Agents need to know what a tool does to the world before calling it. Descriptions should go beyond structured annotations to explain consequences.

Conciseness5/5

Is the description appropriately sized, front-loaded, and free of redundancy?

The description is a single, efficient sentence that directly states the tool's purpose without any wasted words. It is appropriately sized and front-loaded, making it easy to parse and understand quickly.

Shorter descriptions cost fewer tokens and are easier for agents to parse. Every sentence should earn its place.

Completeness2/5

Given the tool's complexity, does the description cover enough for an agent to succeed on first attempt?

Given the complexity of a tool that analyzes nutritional data, the lack of annotations and output schema means the description is incomplete. It doesn't explain what 'nutritional analysis and scores' entail, the format of the response, or any behavioral traits, leaving the agent with insufficient context for effective use.

Complex tools with many parameters or behaviors need more documentation. Simple tools need less. This dimension scales expectations accordingly.

Parameters3/5

Does the description clarify parameter syntax, constraints, interactions, or defaults beyond what the schema provides?

The input schema has 100% description coverage, with the 'barcode' parameter fully documented in the schema. The description adds no additional meaning beyond implying it's used for product identification, so it meets the baseline score of 3 where the schema does the heavy lifting.

Input schemas describe structure but not intent. Descriptions should explain non-obvious parameter relationships and valid value ranges.

Purpose4/5

Does the description clearly state what the tool does and how it differs from similar tools?

The description clearly states the action ('Get nutritional analysis and scores') and resource ('for a product by barcode'), making the purpose specific and understandable. However, it doesn't explicitly differentiate from sibling tools like 'get_product' or 'search_products', which might also retrieve product information, so it falls short of a perfect score.

Agents choose between tools based on descriptions. A clear purpose with a specific verb and resource helps agents select the right tool.

Usage Guidelines2/5

Does the description explain when to use this tool, when not to, or what alternatives exist?

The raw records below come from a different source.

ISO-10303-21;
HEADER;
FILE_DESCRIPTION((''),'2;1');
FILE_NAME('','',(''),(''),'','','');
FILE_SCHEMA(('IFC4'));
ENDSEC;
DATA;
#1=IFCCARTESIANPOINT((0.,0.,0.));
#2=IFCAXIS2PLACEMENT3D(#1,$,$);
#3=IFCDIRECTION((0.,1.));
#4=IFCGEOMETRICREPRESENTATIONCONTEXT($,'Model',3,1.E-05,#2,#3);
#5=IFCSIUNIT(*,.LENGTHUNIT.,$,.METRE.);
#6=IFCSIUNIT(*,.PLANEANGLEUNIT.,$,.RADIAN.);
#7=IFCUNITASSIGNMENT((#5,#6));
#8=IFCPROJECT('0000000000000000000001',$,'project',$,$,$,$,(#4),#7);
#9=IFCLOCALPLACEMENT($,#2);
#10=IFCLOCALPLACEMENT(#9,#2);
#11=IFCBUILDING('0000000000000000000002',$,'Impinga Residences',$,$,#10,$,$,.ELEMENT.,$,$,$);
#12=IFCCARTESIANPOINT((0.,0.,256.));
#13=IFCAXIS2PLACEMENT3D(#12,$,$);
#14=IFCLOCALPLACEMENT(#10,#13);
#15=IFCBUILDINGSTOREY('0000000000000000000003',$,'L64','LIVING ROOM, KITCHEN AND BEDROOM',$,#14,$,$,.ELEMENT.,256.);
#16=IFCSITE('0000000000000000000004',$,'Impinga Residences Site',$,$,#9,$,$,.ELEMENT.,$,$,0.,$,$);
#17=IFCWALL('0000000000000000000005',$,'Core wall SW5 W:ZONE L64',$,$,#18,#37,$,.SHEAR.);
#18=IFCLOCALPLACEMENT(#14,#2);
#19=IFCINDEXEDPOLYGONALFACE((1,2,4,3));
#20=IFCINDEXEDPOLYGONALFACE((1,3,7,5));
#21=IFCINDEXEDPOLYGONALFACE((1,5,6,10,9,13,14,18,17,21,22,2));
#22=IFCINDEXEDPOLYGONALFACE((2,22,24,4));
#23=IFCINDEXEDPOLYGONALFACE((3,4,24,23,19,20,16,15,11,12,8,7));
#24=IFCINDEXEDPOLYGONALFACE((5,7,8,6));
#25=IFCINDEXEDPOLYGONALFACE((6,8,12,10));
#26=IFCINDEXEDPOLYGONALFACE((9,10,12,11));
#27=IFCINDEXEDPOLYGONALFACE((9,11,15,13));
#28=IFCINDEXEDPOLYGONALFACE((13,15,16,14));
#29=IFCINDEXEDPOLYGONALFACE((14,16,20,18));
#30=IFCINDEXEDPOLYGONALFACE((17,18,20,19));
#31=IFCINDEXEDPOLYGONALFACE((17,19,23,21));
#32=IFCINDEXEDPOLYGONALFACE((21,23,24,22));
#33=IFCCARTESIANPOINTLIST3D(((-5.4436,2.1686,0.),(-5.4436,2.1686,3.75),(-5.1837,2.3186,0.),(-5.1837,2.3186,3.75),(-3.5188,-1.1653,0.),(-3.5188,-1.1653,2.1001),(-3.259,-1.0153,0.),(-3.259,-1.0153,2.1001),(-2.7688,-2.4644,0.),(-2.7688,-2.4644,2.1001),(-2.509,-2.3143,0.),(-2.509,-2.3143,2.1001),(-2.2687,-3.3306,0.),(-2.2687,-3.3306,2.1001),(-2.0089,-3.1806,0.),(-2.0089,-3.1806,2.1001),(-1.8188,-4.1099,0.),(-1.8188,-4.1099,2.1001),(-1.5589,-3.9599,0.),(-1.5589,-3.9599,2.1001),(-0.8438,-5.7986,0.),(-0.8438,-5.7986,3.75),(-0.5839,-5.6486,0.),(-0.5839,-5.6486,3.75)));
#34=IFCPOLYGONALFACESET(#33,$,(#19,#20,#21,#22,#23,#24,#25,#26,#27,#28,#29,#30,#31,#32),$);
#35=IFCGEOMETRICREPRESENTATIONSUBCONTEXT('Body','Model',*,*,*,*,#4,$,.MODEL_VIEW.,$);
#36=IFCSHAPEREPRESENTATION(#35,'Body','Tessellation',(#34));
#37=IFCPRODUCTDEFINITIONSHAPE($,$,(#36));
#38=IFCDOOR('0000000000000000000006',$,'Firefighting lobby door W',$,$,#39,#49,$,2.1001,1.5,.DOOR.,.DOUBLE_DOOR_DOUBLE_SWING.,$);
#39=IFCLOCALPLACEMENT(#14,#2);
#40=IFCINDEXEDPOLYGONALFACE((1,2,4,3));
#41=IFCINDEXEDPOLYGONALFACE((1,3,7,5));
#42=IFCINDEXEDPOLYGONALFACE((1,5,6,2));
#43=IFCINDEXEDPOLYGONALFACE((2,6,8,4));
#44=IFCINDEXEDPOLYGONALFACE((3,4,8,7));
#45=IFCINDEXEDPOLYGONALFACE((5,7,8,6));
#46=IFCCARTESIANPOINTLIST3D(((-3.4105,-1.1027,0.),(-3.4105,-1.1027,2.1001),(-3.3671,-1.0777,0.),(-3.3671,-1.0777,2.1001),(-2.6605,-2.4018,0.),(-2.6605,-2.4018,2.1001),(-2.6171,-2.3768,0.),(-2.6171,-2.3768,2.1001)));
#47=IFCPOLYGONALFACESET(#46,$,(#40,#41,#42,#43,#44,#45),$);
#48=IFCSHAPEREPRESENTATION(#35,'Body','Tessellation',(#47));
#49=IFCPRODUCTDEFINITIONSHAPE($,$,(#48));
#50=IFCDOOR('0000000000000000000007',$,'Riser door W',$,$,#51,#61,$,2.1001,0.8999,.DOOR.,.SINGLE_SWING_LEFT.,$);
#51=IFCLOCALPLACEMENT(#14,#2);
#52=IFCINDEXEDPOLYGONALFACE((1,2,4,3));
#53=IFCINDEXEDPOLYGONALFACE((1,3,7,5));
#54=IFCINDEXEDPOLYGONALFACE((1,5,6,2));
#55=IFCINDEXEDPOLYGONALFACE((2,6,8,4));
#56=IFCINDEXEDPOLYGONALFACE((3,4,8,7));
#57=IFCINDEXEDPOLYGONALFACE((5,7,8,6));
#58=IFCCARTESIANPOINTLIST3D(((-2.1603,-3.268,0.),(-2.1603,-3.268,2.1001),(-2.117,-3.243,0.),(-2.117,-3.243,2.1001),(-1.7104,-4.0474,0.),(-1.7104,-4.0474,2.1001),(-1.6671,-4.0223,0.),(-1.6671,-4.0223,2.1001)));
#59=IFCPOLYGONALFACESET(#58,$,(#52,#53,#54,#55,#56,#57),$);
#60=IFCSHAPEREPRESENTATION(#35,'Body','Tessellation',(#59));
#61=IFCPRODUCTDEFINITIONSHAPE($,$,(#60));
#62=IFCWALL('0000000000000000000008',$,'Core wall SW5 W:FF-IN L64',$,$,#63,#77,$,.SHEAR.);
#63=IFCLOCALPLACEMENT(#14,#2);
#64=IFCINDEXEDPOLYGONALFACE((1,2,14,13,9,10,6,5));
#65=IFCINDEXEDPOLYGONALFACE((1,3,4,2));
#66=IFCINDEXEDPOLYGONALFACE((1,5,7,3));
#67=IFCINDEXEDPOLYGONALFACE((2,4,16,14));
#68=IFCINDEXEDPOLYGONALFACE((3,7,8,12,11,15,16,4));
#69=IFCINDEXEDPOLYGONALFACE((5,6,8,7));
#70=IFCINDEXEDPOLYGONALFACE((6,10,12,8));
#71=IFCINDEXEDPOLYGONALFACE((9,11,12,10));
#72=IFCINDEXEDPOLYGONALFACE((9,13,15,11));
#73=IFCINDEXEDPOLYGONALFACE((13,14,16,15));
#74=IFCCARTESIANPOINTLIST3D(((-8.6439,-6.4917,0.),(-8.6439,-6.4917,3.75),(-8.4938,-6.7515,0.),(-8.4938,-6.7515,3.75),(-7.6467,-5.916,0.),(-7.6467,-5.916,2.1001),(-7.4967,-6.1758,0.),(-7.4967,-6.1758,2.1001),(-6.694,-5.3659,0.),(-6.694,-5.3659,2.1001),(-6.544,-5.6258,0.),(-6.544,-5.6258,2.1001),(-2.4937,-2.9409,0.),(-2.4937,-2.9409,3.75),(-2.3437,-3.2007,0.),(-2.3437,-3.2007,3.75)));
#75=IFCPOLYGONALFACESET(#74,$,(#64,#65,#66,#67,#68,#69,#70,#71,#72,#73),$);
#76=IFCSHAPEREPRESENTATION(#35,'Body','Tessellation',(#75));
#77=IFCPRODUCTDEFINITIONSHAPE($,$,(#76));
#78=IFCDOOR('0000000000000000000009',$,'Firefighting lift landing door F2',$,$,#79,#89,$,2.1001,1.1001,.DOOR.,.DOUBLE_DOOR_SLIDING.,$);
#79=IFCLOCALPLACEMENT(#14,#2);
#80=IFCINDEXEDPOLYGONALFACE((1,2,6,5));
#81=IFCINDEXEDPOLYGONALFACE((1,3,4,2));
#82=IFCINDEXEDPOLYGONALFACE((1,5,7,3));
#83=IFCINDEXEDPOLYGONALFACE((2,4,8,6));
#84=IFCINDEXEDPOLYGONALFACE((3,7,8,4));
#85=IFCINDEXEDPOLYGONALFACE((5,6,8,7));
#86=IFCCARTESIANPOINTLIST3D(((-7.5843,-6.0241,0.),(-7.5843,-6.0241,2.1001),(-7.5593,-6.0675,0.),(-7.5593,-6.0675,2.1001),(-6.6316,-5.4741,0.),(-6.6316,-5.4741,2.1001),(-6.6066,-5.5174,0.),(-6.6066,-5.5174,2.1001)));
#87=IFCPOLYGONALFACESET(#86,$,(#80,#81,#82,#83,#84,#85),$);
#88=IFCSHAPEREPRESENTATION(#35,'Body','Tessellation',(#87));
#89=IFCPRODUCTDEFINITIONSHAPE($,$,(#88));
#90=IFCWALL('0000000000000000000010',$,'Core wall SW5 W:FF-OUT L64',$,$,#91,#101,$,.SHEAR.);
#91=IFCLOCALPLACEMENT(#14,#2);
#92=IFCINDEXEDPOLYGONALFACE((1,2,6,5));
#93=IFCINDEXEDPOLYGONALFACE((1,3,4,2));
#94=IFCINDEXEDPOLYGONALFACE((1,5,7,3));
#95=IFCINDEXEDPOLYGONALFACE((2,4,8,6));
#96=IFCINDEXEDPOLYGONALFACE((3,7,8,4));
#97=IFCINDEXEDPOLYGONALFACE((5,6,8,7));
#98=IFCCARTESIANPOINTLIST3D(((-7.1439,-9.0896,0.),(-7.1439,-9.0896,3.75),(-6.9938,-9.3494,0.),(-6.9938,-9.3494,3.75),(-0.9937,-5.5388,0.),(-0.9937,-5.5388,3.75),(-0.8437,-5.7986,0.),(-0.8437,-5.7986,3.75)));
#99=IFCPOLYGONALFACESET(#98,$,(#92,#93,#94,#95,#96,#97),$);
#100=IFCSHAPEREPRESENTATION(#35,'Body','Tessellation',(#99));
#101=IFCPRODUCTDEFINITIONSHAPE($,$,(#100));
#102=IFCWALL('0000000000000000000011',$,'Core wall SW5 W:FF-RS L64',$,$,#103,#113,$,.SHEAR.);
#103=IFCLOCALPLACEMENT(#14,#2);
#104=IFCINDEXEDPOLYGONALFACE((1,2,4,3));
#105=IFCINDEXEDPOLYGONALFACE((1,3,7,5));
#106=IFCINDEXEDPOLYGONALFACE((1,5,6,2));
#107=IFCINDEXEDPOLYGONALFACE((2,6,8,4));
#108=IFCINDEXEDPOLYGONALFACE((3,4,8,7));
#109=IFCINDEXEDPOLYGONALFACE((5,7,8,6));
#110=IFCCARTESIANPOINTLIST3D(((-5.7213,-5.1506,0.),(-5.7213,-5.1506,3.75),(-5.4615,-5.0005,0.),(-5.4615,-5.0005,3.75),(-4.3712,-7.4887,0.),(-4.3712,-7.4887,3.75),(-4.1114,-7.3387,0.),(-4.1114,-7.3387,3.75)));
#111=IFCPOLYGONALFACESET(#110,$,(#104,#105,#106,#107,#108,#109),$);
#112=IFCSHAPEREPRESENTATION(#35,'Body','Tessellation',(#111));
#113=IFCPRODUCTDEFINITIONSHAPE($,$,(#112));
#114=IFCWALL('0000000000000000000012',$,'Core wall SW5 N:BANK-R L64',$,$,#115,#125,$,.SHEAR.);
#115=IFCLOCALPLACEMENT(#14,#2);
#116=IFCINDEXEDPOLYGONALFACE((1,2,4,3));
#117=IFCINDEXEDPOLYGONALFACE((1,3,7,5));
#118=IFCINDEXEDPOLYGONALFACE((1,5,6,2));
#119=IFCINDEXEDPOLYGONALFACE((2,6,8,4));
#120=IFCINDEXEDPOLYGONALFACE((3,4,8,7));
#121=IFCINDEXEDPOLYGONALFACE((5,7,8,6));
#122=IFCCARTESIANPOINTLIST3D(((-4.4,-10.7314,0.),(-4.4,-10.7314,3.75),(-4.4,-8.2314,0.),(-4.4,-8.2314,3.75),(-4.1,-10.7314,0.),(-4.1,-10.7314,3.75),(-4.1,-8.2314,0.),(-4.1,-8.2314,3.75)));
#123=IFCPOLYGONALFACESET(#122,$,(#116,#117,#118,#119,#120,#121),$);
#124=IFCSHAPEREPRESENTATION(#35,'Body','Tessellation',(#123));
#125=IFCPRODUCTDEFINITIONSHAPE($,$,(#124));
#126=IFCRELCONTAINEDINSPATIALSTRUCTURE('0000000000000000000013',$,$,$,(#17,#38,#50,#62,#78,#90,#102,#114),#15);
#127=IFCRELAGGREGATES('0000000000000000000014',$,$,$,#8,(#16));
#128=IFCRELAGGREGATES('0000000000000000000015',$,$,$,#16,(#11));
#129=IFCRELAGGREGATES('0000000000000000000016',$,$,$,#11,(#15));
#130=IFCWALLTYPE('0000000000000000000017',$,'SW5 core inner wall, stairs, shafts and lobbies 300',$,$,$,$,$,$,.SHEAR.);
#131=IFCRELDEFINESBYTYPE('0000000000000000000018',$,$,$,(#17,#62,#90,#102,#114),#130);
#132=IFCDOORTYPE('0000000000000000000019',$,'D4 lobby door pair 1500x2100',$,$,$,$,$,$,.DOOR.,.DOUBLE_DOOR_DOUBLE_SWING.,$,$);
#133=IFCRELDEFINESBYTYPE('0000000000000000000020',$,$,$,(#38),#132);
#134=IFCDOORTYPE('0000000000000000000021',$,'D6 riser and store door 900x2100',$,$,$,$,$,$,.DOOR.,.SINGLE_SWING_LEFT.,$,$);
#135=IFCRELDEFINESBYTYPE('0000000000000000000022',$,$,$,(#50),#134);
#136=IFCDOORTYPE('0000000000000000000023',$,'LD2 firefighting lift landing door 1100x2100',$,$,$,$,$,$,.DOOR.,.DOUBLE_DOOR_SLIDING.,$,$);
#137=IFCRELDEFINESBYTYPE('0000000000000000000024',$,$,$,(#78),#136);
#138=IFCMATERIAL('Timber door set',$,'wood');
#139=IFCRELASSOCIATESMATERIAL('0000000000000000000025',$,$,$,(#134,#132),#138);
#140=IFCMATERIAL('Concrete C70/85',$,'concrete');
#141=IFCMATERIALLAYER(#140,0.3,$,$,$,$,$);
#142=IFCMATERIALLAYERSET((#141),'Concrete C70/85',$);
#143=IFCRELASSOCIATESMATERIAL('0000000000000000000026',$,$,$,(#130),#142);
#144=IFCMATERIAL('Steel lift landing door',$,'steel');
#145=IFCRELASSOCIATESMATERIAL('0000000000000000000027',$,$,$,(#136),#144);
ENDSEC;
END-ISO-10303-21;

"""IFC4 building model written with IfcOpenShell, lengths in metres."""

from ifc_helpers import new_model, si_unit, direction, frame, frame_2d, origin, place, context, subcontext, project, spatial, rectangle, extrude, material, layer, layer_set, type_object, element, fill, save


model = new_model("IFC4")

# Units and contexts
model_context = context("Model", 3, precision=1e-05, world=origin(), true_north=direction((0.0, 1.0)))
body_context = subcontext(model_context, "Body", "Model", "MODEL_VIEW")
ifc_project = project(units=[si_unit("LENGTHUNIT", "METRE"), si_unit("PLANEANGLEUNIT", "RADIAN")], contexts=[model_context])

# Site, building, storey
site_placement = place(None, origin())
site = spatial("IfcSite", under=ifc_project, at=site_placement, Name="Impinga Residences Site", CompositionType="ELEMENT", RefElevation=0.0)
building_placement = place(site_placement, origin())
building = spatial("IfcBuilding", under=site, at=building_placement, Name="Impinga Residences", CompositionType="ELEMENT")
storey_placement = place(building_placement, frame((0.0, 0.0, 256.0)))
storey = spatial("IfcBuildingStorey", under=building, at=storey_placement, Name="L64", Description="LIVING ROOM, KITCHEN AND BEDROOM", CompositionType="ELEMENT", Elevation=256.0)

# Shared definitions
ifc_material_1 = material(Name="Timber door set", Category="wood")

# Shared definitions
door_type_1 = type_object("IfcDoorType", Name="D6 riser and store door 900x2100", OperationType="SINGLE_SWING_LEFT", PredefinedType="DOOR", material=ifc_material_1)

The description provides no guidance on when to use this tool versus alternatives like 'get_product' or 'search_products'. It implies usage by specifying the barcode parameter but offers no context, exclusions, or comparisons to sibling tools, leaving the agent to infer usage scenarios.

Agents often have multiple tools that could apply. Explicit usage guidance like "use X instead of Y when Z" prevents misuse.